Pharmacodynamics Pharmacokinetics Indications Carefully Contraindications Dosing and Administration Side effects
Read on
Clinical and pharmacological group: & nbsp

Antiviral drugs (excluding HIV)

Interferons

Included in the formulation
  • Ingarone®
    lyophilizate nazal. 
    NPP FARMAKLON, LLC     Russia
  • Ingarone®
    lyophilizate w / m PC 
    NPP FARMAKLON, LLC     Russia
    • Included in the list (Order of the Government of the Russian Federation No. 2782-r of 30.12.2014):

    VED

    АТХ:

    L.03.A.B.03   Interferon Gamma

    Pharmacodynamics:

    Interferon gamma (immune interferon) is the most important anti-inflammatory cytokine, the producers of which in the human body are natural killer cells, CD4 Th1 cells and CD8 cytotoxic suppressor cells. Receptors for interferon gamma have macrophages, neutrophils, natural killer cells, cytotoxic T-lymphocytes. Interferon Gamma activates the effector functions of these cells, in particular their microbicide, cytotoxicity, their production of cytokines, superoxide and nitroxide radicals, thereby causing the death of intracellular parasites. Interferon Gamma inhibits the B-cell response to interleukin-4, suppresses IgE production and CD23 antigen expression. It is an inducer of apoptosis of differentiated B cells, giving rise to autoreactive clones. Suppresses the suppressive effect interleukin-4 for interleukin-2-dependent proliferation and generation of lymphokine-activated killers. Activates the production of proteins of the acute phase of inflammation, enhances the expression of C2 and C4 components of the complement system.

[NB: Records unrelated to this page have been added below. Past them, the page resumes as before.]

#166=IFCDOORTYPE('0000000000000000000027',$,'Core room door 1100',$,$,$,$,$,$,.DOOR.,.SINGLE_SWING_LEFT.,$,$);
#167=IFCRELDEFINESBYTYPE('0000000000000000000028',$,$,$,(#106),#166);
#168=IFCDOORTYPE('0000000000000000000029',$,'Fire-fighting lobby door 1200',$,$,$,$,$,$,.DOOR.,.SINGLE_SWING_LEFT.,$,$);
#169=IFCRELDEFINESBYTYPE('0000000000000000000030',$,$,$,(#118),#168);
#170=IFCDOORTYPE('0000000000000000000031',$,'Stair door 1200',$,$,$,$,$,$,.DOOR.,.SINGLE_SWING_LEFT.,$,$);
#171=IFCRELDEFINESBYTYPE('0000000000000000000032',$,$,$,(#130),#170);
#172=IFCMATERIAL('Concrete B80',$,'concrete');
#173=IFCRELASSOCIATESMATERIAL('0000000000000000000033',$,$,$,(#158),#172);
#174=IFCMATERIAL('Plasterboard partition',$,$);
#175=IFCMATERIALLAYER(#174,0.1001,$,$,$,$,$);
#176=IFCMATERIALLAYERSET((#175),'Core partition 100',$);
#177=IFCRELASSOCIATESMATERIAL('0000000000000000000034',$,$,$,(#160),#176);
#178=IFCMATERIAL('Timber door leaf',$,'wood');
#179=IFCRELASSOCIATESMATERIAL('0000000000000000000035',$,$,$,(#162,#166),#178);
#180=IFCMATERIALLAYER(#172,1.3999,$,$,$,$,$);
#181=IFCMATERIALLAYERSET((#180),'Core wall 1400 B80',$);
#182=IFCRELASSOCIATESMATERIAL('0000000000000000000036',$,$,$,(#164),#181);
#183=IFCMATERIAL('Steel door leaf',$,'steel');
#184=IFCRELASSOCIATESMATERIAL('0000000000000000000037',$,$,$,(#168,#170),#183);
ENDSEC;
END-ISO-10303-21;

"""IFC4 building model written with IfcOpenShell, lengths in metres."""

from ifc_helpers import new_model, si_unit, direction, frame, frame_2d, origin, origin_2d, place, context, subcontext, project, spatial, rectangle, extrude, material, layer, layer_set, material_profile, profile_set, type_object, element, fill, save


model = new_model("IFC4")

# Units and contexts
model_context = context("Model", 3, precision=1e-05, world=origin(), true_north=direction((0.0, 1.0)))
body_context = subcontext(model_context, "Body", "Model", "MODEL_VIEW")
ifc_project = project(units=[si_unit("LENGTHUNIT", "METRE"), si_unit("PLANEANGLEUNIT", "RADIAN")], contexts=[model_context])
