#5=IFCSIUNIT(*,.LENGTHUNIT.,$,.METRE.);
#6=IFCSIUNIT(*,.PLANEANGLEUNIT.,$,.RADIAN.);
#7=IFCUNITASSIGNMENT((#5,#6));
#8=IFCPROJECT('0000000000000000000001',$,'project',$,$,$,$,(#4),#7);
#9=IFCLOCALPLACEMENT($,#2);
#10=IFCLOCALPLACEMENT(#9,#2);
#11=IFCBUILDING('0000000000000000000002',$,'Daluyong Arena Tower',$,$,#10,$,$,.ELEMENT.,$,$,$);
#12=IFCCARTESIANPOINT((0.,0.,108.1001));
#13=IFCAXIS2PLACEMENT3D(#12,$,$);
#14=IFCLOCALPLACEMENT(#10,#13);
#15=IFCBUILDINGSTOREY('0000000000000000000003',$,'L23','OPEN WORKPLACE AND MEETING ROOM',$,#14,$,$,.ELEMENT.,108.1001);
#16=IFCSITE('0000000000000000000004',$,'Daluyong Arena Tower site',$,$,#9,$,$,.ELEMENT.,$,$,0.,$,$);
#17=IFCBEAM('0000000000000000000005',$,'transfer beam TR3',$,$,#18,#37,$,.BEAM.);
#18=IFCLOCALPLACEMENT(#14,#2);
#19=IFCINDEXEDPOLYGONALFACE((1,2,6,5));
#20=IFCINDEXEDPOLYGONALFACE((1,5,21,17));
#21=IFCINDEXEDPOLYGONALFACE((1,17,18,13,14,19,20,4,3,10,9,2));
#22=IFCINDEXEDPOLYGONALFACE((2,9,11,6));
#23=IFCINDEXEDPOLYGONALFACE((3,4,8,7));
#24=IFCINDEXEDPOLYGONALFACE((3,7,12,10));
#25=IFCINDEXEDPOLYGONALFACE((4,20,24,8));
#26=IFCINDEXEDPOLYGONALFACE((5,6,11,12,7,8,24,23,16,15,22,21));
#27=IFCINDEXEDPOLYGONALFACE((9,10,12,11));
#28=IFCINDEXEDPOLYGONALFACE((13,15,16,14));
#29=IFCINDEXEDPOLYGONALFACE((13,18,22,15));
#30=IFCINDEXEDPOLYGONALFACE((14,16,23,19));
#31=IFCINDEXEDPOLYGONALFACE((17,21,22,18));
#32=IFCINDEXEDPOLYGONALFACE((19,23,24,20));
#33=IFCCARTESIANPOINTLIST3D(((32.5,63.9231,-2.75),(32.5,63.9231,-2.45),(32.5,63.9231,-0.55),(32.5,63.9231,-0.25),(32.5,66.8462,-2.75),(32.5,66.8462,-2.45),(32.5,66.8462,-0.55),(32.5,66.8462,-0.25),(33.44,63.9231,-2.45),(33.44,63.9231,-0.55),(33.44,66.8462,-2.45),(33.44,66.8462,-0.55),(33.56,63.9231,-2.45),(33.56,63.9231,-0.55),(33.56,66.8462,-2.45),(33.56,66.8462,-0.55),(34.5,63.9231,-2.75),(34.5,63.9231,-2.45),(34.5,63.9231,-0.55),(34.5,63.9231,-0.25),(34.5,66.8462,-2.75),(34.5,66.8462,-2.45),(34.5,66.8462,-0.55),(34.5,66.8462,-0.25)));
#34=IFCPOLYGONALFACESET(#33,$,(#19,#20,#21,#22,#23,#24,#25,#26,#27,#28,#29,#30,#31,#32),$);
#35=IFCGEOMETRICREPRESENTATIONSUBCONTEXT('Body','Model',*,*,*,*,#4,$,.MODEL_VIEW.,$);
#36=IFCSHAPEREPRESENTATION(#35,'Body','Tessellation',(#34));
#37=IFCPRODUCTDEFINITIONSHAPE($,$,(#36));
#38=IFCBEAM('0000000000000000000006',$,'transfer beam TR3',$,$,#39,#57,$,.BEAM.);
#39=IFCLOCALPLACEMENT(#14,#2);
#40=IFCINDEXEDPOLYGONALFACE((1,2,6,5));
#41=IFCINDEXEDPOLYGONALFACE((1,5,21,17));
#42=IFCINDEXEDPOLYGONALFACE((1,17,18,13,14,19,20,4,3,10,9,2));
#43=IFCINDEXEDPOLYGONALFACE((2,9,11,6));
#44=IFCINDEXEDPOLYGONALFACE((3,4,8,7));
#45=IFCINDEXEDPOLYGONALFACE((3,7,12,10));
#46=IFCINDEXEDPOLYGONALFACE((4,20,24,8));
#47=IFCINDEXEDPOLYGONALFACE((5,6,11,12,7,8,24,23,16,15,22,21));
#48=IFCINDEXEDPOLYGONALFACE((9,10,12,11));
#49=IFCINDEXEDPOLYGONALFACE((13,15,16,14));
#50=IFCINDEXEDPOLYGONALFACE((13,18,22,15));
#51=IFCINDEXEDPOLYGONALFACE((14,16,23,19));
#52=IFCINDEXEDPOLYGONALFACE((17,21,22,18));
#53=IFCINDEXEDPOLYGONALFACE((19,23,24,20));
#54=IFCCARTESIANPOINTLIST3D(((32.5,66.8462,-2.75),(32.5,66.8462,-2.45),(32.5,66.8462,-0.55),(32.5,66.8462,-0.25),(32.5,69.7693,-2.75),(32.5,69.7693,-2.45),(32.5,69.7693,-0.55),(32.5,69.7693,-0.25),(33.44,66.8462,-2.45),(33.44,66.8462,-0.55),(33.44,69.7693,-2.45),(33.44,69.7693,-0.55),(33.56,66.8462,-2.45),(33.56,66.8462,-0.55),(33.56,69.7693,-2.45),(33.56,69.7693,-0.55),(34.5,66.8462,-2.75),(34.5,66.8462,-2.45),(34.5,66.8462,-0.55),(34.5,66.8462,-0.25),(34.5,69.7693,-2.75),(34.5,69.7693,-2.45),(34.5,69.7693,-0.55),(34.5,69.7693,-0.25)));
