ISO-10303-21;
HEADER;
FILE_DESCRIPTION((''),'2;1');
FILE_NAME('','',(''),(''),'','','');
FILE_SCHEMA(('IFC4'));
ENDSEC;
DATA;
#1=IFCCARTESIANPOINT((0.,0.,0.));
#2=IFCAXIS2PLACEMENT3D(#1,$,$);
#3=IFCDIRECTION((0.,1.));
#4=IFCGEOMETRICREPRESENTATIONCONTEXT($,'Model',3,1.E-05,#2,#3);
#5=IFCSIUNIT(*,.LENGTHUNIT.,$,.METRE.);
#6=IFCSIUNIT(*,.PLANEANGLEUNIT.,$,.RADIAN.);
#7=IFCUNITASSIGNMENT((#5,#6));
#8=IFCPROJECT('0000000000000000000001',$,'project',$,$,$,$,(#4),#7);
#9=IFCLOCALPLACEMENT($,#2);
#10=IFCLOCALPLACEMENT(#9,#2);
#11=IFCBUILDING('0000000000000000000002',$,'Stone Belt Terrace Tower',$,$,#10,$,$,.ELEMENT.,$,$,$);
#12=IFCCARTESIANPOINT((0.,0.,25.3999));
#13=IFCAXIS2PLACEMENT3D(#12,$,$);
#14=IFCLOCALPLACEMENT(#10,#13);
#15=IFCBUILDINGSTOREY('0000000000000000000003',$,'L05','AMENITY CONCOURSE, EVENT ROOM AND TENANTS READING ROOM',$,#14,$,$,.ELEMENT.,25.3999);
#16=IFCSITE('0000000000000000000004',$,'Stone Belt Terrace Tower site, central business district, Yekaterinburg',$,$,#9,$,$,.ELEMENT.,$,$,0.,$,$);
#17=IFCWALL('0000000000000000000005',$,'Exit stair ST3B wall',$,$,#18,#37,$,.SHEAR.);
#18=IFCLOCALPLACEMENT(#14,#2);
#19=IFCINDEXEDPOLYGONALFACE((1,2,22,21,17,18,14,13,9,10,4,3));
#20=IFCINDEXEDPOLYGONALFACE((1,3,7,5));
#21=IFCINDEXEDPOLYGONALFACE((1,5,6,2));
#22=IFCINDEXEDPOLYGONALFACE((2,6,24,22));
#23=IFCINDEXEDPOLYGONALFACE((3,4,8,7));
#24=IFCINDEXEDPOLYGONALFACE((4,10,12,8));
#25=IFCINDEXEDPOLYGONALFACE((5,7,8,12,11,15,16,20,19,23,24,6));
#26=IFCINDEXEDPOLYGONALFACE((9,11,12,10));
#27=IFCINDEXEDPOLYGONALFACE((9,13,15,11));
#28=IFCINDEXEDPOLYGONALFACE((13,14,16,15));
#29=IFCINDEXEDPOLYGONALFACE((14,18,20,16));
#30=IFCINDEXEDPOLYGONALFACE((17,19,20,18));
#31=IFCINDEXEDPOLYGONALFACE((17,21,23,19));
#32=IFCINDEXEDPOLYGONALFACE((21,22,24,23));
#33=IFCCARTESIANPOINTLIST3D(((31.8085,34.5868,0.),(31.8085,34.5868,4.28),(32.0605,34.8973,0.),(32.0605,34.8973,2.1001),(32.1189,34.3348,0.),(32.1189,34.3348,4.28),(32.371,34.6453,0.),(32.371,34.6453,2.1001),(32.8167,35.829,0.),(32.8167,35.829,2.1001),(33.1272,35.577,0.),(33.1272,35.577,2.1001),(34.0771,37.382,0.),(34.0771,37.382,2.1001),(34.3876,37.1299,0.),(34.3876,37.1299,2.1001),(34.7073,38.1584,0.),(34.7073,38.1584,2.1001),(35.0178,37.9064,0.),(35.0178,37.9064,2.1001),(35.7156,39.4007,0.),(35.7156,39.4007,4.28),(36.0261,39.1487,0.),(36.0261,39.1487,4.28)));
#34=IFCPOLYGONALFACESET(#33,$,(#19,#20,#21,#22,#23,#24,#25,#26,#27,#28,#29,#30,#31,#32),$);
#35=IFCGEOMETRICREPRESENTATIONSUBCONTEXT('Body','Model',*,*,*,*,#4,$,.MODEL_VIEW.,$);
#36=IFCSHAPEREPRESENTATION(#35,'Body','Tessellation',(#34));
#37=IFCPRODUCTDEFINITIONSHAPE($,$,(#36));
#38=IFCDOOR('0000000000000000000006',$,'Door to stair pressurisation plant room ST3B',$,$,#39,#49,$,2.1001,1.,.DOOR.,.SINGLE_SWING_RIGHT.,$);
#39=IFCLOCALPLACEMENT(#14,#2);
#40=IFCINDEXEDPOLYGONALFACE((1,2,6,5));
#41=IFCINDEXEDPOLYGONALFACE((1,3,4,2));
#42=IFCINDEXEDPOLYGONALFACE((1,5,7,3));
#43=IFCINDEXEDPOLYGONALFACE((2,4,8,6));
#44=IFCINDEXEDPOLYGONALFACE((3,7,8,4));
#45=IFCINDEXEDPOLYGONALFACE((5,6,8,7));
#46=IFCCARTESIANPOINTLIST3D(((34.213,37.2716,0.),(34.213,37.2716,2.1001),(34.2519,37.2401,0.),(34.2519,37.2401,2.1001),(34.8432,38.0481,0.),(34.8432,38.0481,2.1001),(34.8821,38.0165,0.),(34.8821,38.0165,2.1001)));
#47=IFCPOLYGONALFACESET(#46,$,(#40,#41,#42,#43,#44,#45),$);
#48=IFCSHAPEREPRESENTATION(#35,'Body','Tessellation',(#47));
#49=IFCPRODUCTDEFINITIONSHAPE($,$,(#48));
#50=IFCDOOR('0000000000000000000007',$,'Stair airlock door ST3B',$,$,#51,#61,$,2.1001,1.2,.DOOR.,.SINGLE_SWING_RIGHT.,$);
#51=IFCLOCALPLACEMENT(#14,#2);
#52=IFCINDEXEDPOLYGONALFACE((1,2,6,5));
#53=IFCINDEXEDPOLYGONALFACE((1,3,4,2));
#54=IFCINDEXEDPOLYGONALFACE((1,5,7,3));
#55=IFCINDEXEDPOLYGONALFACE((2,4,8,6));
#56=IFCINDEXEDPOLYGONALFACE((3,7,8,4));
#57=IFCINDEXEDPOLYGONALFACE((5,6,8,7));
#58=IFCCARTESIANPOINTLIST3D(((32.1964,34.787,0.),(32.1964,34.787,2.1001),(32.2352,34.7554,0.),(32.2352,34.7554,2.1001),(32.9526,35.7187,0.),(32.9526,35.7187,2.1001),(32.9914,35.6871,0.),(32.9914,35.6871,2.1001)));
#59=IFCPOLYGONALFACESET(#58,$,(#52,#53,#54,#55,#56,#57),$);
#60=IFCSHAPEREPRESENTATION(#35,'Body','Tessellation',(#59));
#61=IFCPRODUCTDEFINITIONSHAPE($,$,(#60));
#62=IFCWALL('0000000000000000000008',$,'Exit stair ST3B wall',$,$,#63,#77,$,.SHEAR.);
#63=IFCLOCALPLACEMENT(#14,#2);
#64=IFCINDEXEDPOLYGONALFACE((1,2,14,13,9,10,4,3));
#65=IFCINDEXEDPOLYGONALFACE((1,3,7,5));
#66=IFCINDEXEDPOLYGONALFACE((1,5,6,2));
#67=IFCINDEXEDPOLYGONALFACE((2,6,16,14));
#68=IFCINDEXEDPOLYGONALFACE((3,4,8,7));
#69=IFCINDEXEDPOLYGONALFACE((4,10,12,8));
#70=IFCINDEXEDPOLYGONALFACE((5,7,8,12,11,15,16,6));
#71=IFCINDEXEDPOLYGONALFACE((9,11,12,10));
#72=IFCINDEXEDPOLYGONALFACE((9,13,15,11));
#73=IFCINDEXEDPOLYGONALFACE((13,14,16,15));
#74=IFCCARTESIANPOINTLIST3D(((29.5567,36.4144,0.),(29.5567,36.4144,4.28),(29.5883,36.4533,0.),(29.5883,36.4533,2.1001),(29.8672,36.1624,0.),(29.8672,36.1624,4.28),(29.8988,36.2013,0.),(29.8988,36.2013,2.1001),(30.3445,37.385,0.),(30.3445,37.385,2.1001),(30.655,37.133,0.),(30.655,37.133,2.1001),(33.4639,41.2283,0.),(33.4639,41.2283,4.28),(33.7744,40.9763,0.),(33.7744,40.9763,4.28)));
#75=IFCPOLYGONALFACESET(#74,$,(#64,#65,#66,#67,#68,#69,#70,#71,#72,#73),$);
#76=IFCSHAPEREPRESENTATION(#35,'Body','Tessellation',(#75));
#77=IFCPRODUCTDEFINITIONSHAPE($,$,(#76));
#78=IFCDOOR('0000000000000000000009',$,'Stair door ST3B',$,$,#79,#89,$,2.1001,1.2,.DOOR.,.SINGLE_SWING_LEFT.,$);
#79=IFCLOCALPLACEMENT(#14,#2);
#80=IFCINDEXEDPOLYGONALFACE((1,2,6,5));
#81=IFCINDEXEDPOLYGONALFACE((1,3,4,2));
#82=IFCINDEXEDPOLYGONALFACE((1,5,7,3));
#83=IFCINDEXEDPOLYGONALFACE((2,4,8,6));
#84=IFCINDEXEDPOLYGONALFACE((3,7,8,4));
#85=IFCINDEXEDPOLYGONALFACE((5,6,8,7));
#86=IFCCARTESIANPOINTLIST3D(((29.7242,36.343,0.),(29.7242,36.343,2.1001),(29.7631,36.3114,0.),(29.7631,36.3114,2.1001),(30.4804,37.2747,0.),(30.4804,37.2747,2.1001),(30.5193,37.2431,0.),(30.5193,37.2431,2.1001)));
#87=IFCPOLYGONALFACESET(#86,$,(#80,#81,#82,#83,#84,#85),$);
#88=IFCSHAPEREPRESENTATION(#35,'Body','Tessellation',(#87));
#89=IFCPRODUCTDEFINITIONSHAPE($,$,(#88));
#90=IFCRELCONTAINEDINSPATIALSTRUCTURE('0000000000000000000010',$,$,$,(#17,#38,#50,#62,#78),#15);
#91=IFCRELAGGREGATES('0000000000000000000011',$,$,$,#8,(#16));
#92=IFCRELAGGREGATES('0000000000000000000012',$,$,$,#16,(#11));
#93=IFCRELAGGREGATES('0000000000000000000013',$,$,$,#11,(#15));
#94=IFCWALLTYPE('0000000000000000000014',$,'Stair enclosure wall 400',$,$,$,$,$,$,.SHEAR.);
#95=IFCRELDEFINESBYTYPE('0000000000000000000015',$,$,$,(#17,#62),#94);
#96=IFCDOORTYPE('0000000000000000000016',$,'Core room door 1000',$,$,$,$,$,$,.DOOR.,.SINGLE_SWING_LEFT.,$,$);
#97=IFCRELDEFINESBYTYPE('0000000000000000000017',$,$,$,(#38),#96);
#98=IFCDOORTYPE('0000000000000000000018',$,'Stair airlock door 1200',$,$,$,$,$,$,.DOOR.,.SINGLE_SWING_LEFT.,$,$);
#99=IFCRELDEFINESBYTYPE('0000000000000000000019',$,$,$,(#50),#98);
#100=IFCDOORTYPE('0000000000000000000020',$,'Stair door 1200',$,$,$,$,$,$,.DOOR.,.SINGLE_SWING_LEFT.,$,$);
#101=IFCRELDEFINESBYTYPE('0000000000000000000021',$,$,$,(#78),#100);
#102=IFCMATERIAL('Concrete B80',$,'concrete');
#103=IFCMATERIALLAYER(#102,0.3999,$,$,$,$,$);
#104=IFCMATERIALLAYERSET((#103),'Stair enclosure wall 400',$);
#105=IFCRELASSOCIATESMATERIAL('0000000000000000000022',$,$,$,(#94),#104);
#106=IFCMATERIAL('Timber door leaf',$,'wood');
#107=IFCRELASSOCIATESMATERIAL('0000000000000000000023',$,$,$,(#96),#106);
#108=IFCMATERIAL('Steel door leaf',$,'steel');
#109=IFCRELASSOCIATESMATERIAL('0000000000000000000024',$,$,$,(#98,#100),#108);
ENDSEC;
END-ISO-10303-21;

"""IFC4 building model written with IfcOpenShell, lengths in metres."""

from ifc_helpers import new_model, si_unit, direction, frame, frame_2d, origin, place, context, subcontext, project, spatial, rectangle, extrude, material, layer, layer_set, type_object, element, fill, save


model = new_model("IFC4")

# Units and contexts
model_context = context("Model", 3, precision=1e-05, world=origin(), true_north=direction((0.0, 1.0)))
body_context = subcontext(model_context, "Body", "Model", "MODEL_VIEW")
ifc_project = project(units=[si_unit("LENGTHUNIT", "METRE"), si_unit("PLANEANGLEUNIT", "RADIAN")], contexts=[model_context])

# Site, building, storey
site_placement = place(None, origin())
site = spatial("IfcSite", under=ifc_project, at=site_placement, Name="Stone Belt Terrace Tower site, central business district, Yekaterinburg", CompositionType="ELEMENT", RefElevation=0.0)
building_placement = place(site_placement, origin())
building = spatial("IfcBuilding", under=site, at=building_placement, Name="Stone Belt Terrace Tower", CompositionType="ELEMENT")
storey_placement = place(building_placement, frame((0.0, 0.0, 25.3999)))
storey = spatial("IfcBuildingStorey", under=building, at=storey_placement, Name="L05", Description="AMENITY CONCOURSE, EVENT ROOM AND TENANTS READING ROOM", CompositionType="ELEMENT", Elevation=25.3999)

# Shared definitions
ifc_material_1 = material(Name="Concrete B80", Category="concrete")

    Unlike other interferons, it increases the expression of antigens of the main histocompatibility complex of both 1st and 2nd classes on different cells, and induces the expression of these molecules even on those cells that do not express them constitutively. This improves the efficiency of antigen presentation and the ability to recognize them by T lymphocytes.

    Interferon gamma blocks the replication of viral DNA and RNA, the synthesis of viral proteins and the assembly of mature viral particles. Interferon Gamma has a cytotoxic effect on virus-infected cells.

    Interferon gamma blocks the synthesis of β-TGF, responsible for the development of pulmonary fibrosis and liver.

    Pharmacokinetics:

    It is not adsorbed through the digestive tract. Peak concentrations in plasma - 4 hours after intramuscular injection; 7 hours after subcutaneous. Half-life - 38 minutes with intravenous injection, 2.9 hours - with intramuscular and 5.9 hours - with subcutaneous injection.

    Indications:

    Lyophilizate for the preparation of solution for intramuscular and subcutaneous administration

    Complex therapy:

    - chronic viral hepatitis C;

    - chronic viral hepatitis B;

    - HIV/AIDS infection;

    - pulmonary tuberculosis;

    - mycobacterial infection in HIV-negative patients with ineffective conservative therapy;

    - Oncological diseases (as an immunomodulator - including in combination with chemotherapy);

    urogenital chlamydia;

    - chronic prostatitis;

    - genital herpesvirus infection and herpes zoster (Herpes zoster) - in monotherapy;

    - psoriasis;

    - Rhematoidth arthritis;

    - limphogranulomatosis;

    - Visceral leishmaniasis;

    - leprosy;

    - eczema and atopic dermatitis;

    - Anogenital warts (human papilloma virus) - treatment and prevention of recurrence of the disease.

    Prevention infectious complications in patients with chronic granulomatous disease.

    Liofilizate for the preparation of solution for intranasal administration

    Complex therapy in the prevention and treatment of influenza and influenza "bird-like" (H5N1 and H1N1).

    ICD-10

    I.A15-A19.A16   Tuberculosis of respiratory organs, not confirmed bacteriologically or histologically

    I.A30-A49.A30   Leprosy [Hansen's disease]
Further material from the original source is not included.